Why Convert?
- Limited Liability and Growth: Private companies offer clearer governance structures and easier access to financing.
- Future‑proofing: Close corporations are a legacy structure; the Companies Act 2008 no longer allows new CCs.
- Succession Planning: Shares in a company are easier to transfer than members’ interests in a CC.
Conversion Process
- Agreement of Members: All members must agree to convert (often via a special resolution).
- Name Reservation: If you’re changing the entity’s name, reserve a new company name.
- Draft the MOI: Prepare a Memorandum of Incorporation suitable for the new company.
- Statement of Solvency: The CC must declare it is not insolvent or under liquidation.
- Submit Forms to CIPC:
- CoR 18.1 (Application to convert a CC)
- CoR 15.1A or 15.1B (MOI)
- CoR 9.1/9.4 (Name reservation)
- CoR 39 (Change directors)
- Pay the Fee: Remit the required CIPC fees.
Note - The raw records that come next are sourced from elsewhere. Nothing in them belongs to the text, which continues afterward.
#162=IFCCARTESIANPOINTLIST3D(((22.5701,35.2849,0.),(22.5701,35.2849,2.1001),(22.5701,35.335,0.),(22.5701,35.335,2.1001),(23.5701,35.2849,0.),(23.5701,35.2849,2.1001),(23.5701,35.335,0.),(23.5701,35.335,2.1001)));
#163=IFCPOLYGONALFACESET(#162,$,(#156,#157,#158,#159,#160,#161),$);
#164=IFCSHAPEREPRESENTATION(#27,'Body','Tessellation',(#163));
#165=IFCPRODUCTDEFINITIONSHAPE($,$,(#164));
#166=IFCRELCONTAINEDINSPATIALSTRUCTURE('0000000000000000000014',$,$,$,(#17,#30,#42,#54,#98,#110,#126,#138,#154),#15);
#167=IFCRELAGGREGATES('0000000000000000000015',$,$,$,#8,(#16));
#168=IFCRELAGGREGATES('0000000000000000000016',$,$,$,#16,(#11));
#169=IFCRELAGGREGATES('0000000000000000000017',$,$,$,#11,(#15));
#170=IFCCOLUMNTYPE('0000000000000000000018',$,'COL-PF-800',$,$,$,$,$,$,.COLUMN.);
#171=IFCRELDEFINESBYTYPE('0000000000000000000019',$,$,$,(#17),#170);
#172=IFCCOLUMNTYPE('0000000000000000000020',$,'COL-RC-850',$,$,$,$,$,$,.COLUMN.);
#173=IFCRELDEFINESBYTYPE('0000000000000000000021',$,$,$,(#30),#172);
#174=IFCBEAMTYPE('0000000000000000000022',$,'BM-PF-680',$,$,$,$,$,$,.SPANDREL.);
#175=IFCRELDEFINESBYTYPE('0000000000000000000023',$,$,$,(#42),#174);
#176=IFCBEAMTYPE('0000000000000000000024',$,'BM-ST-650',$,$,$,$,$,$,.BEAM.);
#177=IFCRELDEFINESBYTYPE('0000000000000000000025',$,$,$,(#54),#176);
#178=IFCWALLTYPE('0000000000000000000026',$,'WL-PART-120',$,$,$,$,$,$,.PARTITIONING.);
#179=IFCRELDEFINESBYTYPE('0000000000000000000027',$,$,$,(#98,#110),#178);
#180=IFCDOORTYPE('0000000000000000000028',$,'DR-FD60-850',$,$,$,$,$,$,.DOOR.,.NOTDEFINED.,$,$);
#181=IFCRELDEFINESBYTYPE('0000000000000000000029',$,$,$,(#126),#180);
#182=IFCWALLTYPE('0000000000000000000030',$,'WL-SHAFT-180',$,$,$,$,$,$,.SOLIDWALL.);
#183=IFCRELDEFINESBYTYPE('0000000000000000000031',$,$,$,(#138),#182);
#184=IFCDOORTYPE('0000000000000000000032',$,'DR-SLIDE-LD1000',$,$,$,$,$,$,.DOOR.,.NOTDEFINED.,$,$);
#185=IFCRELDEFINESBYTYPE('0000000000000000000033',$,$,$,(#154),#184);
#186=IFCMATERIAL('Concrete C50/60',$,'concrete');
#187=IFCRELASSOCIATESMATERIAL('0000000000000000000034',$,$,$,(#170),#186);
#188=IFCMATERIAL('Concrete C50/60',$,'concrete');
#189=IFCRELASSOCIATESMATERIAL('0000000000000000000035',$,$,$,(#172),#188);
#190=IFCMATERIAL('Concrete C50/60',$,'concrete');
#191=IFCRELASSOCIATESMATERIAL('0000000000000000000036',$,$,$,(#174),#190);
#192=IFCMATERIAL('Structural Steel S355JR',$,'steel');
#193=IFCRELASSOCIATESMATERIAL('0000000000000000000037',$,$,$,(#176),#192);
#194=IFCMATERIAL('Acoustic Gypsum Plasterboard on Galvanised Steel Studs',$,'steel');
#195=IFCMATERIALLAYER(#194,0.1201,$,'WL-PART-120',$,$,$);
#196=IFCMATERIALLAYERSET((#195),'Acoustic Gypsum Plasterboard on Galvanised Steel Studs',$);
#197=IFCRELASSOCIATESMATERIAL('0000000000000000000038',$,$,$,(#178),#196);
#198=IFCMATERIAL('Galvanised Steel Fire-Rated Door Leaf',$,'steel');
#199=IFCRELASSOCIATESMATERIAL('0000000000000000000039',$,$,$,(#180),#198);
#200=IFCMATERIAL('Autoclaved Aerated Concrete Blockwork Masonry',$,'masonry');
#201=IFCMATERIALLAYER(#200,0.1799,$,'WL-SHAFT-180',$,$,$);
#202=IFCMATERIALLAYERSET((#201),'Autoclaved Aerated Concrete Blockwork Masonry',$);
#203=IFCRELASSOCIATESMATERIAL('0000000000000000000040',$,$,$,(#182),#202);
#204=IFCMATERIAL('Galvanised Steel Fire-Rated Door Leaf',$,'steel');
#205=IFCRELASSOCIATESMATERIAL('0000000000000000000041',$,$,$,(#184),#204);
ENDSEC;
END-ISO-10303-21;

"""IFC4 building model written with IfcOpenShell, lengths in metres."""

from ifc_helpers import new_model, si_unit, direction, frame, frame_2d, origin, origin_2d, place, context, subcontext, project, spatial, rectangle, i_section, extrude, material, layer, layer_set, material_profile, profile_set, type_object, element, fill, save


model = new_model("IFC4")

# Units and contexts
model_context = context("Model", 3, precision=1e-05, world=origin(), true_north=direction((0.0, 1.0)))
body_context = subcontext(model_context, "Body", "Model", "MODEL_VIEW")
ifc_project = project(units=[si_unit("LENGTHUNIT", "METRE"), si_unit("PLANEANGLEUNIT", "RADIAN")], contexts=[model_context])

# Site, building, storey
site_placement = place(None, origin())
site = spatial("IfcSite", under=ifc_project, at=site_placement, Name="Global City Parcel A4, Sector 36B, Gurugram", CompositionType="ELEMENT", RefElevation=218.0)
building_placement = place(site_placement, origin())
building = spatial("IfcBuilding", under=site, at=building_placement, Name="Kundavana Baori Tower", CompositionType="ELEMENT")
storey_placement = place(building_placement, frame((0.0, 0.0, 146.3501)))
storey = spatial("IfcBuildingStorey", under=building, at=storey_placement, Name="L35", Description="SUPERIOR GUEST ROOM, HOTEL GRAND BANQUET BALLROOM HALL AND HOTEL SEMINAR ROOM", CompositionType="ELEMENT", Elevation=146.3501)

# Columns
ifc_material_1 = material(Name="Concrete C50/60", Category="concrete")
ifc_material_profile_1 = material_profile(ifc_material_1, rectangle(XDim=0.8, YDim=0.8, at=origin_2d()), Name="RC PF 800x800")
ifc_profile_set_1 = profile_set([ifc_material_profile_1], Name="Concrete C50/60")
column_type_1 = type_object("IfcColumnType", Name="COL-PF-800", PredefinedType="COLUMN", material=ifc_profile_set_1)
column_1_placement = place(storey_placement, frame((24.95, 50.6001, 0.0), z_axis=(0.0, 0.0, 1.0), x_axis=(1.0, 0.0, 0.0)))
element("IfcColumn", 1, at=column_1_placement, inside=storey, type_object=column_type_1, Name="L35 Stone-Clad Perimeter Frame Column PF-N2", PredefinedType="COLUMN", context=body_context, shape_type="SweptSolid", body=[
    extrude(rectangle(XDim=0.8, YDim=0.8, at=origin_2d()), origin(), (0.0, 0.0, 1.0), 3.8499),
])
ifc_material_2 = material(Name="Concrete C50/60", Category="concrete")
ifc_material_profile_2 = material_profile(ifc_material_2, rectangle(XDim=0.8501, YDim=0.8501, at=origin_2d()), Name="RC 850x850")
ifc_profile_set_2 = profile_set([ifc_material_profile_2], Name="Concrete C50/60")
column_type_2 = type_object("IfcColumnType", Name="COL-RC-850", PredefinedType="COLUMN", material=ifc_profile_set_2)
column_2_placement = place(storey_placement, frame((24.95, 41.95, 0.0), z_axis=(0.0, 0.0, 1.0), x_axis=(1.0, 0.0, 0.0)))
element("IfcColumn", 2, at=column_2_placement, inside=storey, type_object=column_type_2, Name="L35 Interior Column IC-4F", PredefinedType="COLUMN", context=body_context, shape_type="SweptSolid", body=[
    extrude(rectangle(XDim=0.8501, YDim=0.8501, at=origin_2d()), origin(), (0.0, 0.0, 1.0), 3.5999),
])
- Post‑Conversion Compliance: Once the conversion is approved:
- Issue share certificates to former members.
- Hold an inaugural directors’ meeting.
- Update records with SARS, banks, B-BBEE, and any other relevant registrations.
Key Tips
- Legal Advice: Consult legal and accounting professionals to ensure all liabilities and tax implications are handled correctly.
- Communication: Inform clients, suppliers and banks about the change.
- Timing: Conversions can take several weeks, depending on documentation and CIPC processing.